Lionel Messi's eighth Ballon d'Or award ceremony in Paris marked the end of his great career, as the award became a long service medal rather than a testament to current achievement. Messi may be considered the finest footballer ever, and his performance in the Qatar World Cup was magnificent, scoring seven times to win Argentina the trophy. However, the organisers of the Ballon d'Or undermined the integrity of the award by altering its parameters to take into last year's World Cup and the football season, rather than the calendar year. This makes it seem like the whole thing was fixed to make Messi a contender.
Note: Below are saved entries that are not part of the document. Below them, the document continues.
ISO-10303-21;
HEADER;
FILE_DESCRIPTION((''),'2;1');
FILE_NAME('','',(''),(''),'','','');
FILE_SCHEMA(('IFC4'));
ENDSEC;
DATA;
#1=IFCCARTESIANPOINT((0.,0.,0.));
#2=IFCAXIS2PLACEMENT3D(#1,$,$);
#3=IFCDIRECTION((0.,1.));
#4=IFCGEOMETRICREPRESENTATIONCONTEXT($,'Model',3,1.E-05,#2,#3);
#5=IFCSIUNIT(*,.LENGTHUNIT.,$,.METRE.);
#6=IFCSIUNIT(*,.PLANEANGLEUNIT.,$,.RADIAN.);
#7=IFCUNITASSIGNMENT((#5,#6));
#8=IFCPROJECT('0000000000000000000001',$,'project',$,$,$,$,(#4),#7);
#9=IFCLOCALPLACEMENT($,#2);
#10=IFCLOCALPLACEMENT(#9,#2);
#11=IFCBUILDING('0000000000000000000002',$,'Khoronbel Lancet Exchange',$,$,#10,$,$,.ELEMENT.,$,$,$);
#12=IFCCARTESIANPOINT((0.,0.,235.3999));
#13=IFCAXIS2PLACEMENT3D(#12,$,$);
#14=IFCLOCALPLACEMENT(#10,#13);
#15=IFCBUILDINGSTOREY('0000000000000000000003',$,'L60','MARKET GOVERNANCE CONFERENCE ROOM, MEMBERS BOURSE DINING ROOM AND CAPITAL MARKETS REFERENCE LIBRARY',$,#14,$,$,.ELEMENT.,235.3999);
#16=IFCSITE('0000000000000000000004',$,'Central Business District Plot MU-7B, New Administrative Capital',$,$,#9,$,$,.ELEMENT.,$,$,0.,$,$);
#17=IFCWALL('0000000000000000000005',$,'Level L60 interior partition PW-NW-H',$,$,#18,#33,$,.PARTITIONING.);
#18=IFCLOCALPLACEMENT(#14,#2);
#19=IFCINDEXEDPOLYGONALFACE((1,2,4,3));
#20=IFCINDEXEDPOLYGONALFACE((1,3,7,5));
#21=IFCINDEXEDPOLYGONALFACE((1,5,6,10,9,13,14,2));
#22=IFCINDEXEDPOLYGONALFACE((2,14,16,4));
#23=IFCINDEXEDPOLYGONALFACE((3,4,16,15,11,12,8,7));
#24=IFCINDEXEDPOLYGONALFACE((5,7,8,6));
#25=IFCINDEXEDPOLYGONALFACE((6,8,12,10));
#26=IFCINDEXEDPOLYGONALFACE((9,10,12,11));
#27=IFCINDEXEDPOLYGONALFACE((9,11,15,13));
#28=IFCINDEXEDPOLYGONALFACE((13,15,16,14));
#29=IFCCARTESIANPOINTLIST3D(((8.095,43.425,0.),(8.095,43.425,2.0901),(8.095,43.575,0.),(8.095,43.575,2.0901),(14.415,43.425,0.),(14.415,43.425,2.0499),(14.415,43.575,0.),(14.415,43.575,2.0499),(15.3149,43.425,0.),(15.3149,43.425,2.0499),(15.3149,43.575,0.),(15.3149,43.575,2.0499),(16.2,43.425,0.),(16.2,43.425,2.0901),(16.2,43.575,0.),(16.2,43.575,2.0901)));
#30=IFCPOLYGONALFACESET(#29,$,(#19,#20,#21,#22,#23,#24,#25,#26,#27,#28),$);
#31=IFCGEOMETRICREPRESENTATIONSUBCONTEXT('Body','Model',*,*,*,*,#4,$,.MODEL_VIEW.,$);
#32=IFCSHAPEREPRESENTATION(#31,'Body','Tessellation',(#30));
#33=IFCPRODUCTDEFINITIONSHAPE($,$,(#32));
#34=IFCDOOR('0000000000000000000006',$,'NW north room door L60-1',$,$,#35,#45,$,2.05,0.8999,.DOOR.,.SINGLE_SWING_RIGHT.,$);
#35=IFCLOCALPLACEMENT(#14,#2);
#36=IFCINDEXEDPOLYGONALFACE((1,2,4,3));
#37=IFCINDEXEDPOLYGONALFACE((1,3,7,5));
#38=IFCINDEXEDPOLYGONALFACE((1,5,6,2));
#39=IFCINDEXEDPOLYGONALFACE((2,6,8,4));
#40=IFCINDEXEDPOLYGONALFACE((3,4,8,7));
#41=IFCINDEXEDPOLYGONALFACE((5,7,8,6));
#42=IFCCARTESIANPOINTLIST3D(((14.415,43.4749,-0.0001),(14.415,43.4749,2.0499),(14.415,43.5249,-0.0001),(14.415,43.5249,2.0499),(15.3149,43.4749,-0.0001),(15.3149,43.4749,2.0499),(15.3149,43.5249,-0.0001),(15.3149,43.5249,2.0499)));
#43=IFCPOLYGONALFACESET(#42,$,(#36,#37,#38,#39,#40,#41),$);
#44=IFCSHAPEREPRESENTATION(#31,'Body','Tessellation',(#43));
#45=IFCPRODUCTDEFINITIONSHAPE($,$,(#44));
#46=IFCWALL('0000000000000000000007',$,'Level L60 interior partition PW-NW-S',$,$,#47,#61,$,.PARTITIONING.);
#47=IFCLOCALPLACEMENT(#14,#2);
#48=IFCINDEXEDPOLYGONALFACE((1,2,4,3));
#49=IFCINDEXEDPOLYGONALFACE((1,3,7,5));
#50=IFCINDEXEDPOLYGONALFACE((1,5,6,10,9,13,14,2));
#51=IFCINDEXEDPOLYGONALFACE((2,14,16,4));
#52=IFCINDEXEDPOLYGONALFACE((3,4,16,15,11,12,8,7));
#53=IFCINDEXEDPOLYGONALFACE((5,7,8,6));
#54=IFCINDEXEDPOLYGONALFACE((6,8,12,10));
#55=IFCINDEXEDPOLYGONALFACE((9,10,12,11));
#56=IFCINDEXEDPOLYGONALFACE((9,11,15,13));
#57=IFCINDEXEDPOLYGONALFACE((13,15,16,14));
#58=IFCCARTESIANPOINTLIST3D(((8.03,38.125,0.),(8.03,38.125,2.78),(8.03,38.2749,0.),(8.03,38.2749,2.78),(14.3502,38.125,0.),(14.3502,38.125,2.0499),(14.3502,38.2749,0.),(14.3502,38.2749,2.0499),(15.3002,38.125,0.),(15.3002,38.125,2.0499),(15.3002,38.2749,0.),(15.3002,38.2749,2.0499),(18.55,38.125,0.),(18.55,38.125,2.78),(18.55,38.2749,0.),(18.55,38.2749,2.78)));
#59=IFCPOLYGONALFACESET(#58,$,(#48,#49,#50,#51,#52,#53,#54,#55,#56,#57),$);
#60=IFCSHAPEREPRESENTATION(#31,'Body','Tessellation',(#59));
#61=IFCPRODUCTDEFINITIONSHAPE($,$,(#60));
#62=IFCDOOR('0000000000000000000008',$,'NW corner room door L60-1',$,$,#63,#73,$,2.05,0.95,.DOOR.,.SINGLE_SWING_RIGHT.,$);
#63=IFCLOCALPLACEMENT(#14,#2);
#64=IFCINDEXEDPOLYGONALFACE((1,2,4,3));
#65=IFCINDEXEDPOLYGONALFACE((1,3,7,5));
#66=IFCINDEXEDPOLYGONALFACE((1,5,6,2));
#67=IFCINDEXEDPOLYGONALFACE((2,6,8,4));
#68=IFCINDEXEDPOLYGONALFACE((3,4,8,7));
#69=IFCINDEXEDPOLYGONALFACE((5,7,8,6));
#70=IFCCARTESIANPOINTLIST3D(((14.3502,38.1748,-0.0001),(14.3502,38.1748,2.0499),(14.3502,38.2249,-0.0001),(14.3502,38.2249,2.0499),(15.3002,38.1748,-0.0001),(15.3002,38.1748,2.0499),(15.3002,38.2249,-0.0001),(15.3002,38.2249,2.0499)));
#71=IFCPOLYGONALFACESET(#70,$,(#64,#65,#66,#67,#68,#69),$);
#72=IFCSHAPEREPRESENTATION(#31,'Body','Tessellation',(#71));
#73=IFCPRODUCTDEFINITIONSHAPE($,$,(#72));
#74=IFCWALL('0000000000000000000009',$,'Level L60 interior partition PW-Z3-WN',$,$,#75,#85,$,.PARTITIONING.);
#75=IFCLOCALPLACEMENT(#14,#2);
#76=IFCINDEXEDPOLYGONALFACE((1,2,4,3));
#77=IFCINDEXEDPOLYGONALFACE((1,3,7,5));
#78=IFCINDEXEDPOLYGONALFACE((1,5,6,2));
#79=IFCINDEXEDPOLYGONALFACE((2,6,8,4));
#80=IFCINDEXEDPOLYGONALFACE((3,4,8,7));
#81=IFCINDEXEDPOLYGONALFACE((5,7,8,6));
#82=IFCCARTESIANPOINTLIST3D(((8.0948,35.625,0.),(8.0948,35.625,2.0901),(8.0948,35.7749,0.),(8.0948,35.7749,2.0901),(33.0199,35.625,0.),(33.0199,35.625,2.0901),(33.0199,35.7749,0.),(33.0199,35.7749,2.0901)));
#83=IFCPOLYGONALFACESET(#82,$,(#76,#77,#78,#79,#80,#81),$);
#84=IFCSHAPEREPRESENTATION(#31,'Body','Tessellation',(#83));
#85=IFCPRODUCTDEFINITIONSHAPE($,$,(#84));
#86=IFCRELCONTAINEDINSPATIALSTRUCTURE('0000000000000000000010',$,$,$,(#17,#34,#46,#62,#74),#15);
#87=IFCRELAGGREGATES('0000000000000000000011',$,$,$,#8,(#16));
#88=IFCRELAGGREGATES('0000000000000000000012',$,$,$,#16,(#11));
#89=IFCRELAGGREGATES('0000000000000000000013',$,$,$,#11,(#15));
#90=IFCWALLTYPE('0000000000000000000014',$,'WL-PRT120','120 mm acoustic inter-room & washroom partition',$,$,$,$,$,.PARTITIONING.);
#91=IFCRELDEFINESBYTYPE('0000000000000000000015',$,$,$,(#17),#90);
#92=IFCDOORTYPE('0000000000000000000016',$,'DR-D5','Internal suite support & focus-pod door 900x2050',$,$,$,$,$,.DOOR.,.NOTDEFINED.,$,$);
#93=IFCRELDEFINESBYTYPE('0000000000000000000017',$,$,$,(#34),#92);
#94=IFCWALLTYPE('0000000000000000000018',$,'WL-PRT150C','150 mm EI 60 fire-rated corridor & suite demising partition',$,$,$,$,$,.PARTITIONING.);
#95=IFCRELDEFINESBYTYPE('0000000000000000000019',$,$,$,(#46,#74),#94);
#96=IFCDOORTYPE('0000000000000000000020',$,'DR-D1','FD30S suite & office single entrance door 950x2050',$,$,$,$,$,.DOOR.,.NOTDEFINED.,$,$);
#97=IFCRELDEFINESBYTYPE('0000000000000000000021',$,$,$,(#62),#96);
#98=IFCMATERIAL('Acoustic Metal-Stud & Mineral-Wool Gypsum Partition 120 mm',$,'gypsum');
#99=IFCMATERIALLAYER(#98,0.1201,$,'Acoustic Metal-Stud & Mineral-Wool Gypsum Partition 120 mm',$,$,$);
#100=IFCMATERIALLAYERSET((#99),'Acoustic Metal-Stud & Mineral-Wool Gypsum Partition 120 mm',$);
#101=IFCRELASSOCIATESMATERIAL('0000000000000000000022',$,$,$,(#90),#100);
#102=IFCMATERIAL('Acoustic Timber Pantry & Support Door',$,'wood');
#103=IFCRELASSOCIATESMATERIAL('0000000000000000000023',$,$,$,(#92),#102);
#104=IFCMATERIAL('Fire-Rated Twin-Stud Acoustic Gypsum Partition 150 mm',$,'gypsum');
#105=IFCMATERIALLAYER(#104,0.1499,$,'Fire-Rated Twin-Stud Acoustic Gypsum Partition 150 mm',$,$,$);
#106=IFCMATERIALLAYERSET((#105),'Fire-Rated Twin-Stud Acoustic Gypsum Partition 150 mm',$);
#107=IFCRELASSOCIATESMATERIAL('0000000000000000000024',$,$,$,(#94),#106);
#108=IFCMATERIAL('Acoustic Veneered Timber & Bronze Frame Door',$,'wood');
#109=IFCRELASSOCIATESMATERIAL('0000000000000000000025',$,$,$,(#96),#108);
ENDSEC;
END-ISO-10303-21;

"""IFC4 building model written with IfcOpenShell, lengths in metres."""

from ifc_helpers import new_model, si_unit, direction, frame, frame_2d, origin, place, context, subcontext, project, spatial, rectangle, extrude, material, layer, layer_set, type_object, element, fill, save


model = new_model("IFC4")

# Units and contexts
model_context = context("Model", 3, precision=1e-05, world=origin(), true_north=direction((0.0, 1.0)))
body_context = subcontext(model_context, "Body", "Model", "MODEL_VIEW")
ifc_project = project(units=[si_unit("LENGTHUNIT", "METRE"), si_unit("PLANEANGLEUNIT", "RADIAN")], contexts=[model_context])

# Site, building, storey
site_placement = place(None, origin())
site = spatial("IfcSite", under=ifc_project, at=site_placement, Name="Central Business District Plot MU-7B, New Administrative Capital", CompositionType="ELEMENT", RefElevation=0.0)
building_placement = place(site_placement, origin())
building = spatial("IfcBuilding", under=site, at=building_placement, Name="Khoronbel Lancet Exchange", CompositionType="ELEMENT")
storey_placement = place(building_placement, frame((0.0, 0.0, 235.3999)))
storey = spatial("IfcBuildingStorey", under=building, at=storey_placement, Name="L60", Description="MARKET GOVERNANCE CONFERENCE ROOM, MEMBERS BOURSE DINING ROOM AND CAPITAL MARKETS REFERENCE LIBRARY", CompositionType="ELEMENT", Elevation=235.3999)

# Walls, openings, doors
ifc_material_1 = material(Name="Acoustic Metal-Stud & Mineral-Wool Gypsum Partition 120 mm", Category="gypsum")
ifc_layer_1 = layer(ifc_material_1, 0.1201, Name="Acoustic Metal-Stud & Mineral-Wool Gypsum Partition 120 mm")
ifc_layer_set_1 = layer_set([ifc_layer_1], Name="Acoustic Metal-Stud & Mineral-Wool Gypsum Partition 120 mm")
wall_type_1 = type_object("IfcWallType", Name="WL-PRT120", Description="120 mm acoustic inter-room & washroom partition", PredefinedType="PARTITIONING", material=ifc_layer_set_1)
wall_1_placement = place(storey_placement, frame((8.095, 43.5, 0.0), z_axis=(0.0, 0.0, 1.0), x_axis=(1.0, 0.0, 0.0)))
wall_1 = element("IfcWall", 1, at=wall_1_placement, inside=storey, type_object=wall_type_1, Name="Level L60 interior partition PW-NW-H", PredefinedType="PARTITIONING", context=body_context, shape_type="SweptSolid", body=[
    extrude(rectangle(XDim=8.105, YDim=0.1499, at=frame_2d((4.0525, 0.0))), origin(), (0.0, 0.0, 1.0), 2.0901),
])
opening_1_placement = place(wall_1_placement, frame((6.3201, 0.0, 0.0)))
opening_1 = element("IfcOpeningElement", 2, at=opening_1_placement, cuts=wall_1, PredefinedType="OPENING", context=body_context, shape_type="SweptSolid", body=[
    extrude(rectangle(XDim=0.8999, YDim=2.05, at=frame_2d((0.45, 1.0249))), frame((0.0, 0.085, 0.0), z_axis=(0.0, -1.0, 0.0), x_axis=(1.0, 0.0, 0.0)), (0.0, 0.0, 1.0), 0.1699),
])
ifc_material_2 = material(Name="Acoustic Timber Pantry & Support Door", Category="wood")
door_type_1 = type_object("IfcDoorType", Name="DR-D5", Description="Internal suite support & focus-pod door 900x2050", OperationType="NOTDEFINED", PredefinedType="DOOR", material=ifc_material_2)
door_1_placement = place(opening_1_placement, origin())
door_1 = element("IfcDoor", 3, at=door_1_placement, inside=storey, type_object=door_type_1, Name="NW north room door L60-1", OperationType="SINGLE_SWING_RIGHT", OverallHeight=2.05, OverallWidth=0.8999, PredefinedType="DOOR", context=body_context, shape_type="SweptSolid", body=[
    extrude(rectangle(XDim=0.8999, YDim=2.05, at=frame_2d((0.45, 1.0249))), frame((0.0, 0.0249, 0.0), z_axis=(0.0, -1.0, 0.0), x_axis=(1.0, 0.0, 0.0)), (0.0, 0.0, 1.0), 0.05),
])
fill(opening_1, door_1)
ifc_material_3 = material(Name="Fire-Rated Twin-Stud Acoustic Gypsum Partition 150 mm", Category="gypsum")
ifc_layer_2 = layer(ifc_material_3, 0.1499, Name="Fire-Rated Twin-Stud Acoustic Gypsum Partition 150 mm")
ifc_layer_set_2 = layer_set([ifc_layer_2], Name="Fire-Rated Twin-Stud Acoustic Gypsum Partition 150 mm")
wall_type_2 = type_object("IfcWallType", Name="WL-PRT150C", Description="150 mm EI 60 fire-rated corridor & suite demising partition", PredefinedType="PARTITIONING", material=ifc_layer_set_2)
wall_2_placement = place(storey_placement, frame((8.03, 38.2, 0.0), z_axis=(0.0, 0.0, 1.0), x_axis=(1.0, 0.0, 0.0)))
wall_2 = element("IfcWall", 4, at=wall_2_placement, inside=storey, type_object=wall_type_2, Name="Level L60 interior partition PW-NW-S", PredefinedType="PARTITIONING", context=body_context, shape_type="SweptSolid", body=[
    extrude(rectangle(XDim=10.52, YDim=0.1499, at=frame_2d((5.26, 0.0))), origin(), (0.0, 0.0, 1.0), 2.78),
])
opening_2_placement = place(wall_2_placement, frame((6.3201, 0.0, 0.0)))
opening_2 = element("IfcOpeningElement", 5, at=opening_2_placement, cuts=wall_2, PredefinedType="OPENING", context=body_context, shape_type="SweptSolid", body=[
    extrude(rectangle(XDim=0.95, YDim=2.05, at=frame_2d((0.4751, 1.0249))), frame((0.0, 0.085, 0.0), z_axis=(0.0, -1.0, 0.0), x_axis=(1.0, 0.0, 0.0)), (0.0, 0.0, 1.0), 0.1699),
])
If the usual criteria were properly applied, Messi would be nowhere near the award. Since lifting the World Cup, he has been on a protracted retirement tour, adding lustre to David Beckham's exercise in celebrity known as Inter Miami. He has scored 11 goals and delivered eight assists in just 11 games in Miami's famous pink shirt, but only one of them came in Major League Soccer fixtures. In 2023, Erling Haaland has 38 goals, a greater return than anyone else in Europe's top leagues, and finished the 2022-23 campaign with 52 goals from 52 appearances. At the rate he is scoring, a half-century this year is easily within his reach by New Year's Eve.


Haaland did not feature in the World Cup or next summer's Euros, as he plays for an international side that doesn't qualify for the big tournaments. His only connection with last winter's desert jamboree was to be seen with his Norway colleagues wearing T-shirts condemning the fact the tournament was being played in Qatar at all.
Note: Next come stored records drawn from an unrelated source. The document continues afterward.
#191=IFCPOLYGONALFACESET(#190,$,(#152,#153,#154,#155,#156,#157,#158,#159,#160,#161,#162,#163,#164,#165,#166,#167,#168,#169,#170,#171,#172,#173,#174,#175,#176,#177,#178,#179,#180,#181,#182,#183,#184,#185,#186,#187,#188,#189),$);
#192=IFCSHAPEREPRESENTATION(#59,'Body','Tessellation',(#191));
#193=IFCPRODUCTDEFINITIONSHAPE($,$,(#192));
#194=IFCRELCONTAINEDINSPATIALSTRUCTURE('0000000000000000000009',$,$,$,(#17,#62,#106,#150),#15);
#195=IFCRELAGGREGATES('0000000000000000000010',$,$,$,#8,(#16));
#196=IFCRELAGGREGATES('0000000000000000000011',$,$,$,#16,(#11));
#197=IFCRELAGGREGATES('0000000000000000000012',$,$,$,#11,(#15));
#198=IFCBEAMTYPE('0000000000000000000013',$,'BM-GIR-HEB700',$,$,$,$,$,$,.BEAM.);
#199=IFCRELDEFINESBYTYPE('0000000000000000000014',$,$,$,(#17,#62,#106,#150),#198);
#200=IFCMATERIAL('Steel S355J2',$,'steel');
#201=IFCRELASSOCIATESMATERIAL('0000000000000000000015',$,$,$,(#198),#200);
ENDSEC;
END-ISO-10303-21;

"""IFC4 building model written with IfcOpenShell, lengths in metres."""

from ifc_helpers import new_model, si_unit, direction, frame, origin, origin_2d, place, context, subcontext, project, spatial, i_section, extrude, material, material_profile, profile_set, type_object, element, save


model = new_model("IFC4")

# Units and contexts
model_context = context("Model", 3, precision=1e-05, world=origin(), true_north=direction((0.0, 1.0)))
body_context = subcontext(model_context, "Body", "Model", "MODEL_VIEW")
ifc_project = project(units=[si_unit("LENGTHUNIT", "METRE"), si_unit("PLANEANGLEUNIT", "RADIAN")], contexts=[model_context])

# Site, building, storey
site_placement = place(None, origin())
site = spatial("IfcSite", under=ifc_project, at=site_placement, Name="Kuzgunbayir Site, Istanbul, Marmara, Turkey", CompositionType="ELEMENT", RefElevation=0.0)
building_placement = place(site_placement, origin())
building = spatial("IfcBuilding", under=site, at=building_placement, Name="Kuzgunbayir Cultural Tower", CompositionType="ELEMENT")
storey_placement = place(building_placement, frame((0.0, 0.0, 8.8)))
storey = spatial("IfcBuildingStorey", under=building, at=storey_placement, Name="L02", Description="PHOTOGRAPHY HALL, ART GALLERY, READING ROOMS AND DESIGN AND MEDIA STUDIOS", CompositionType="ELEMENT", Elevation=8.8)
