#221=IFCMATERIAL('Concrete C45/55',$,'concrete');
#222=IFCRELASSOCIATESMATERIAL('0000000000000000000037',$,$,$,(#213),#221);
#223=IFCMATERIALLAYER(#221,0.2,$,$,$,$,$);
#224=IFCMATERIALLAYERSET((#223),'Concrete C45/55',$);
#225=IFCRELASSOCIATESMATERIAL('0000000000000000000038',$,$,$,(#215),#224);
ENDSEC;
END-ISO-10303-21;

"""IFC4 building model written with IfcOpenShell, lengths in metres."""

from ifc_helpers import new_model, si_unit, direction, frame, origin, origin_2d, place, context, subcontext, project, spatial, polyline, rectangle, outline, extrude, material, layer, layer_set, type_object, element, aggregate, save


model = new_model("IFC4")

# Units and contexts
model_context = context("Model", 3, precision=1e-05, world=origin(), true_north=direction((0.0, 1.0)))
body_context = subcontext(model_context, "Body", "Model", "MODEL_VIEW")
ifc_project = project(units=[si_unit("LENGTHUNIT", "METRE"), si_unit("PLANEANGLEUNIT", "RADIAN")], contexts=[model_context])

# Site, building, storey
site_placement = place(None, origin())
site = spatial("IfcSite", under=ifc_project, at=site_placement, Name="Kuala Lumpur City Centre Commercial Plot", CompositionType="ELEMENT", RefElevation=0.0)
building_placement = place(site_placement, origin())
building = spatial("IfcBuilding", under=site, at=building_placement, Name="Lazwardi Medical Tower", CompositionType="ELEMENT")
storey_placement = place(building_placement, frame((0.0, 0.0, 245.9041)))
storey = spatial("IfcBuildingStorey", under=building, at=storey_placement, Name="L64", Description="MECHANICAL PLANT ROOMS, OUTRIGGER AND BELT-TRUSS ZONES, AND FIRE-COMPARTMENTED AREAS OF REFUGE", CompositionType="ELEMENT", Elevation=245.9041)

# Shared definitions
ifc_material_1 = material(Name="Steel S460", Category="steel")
The decision to give the trophy to Messi rather than the man who anyone with an operating pair of eyes can see deserved to be lauded is more significant than the man who anyone with an operating pair of eyes can see deserved to be lauded: Haaland plays in England. Since George Best won the Ballon d'Or in 1968, only two Ballon d'Or winners have been based in this country: Michael Owen in 2001, after guiding Liverpool to a treble of FA Cup, League Cup, and Uefa Cup, and Cristiano Ronaldo in 2008.


This year may have marked Haaland's best chance of landing the big one, as he won this year's Young Player title and Jude Bellingham has taken the precaution of plying his trade in the place where winners come from.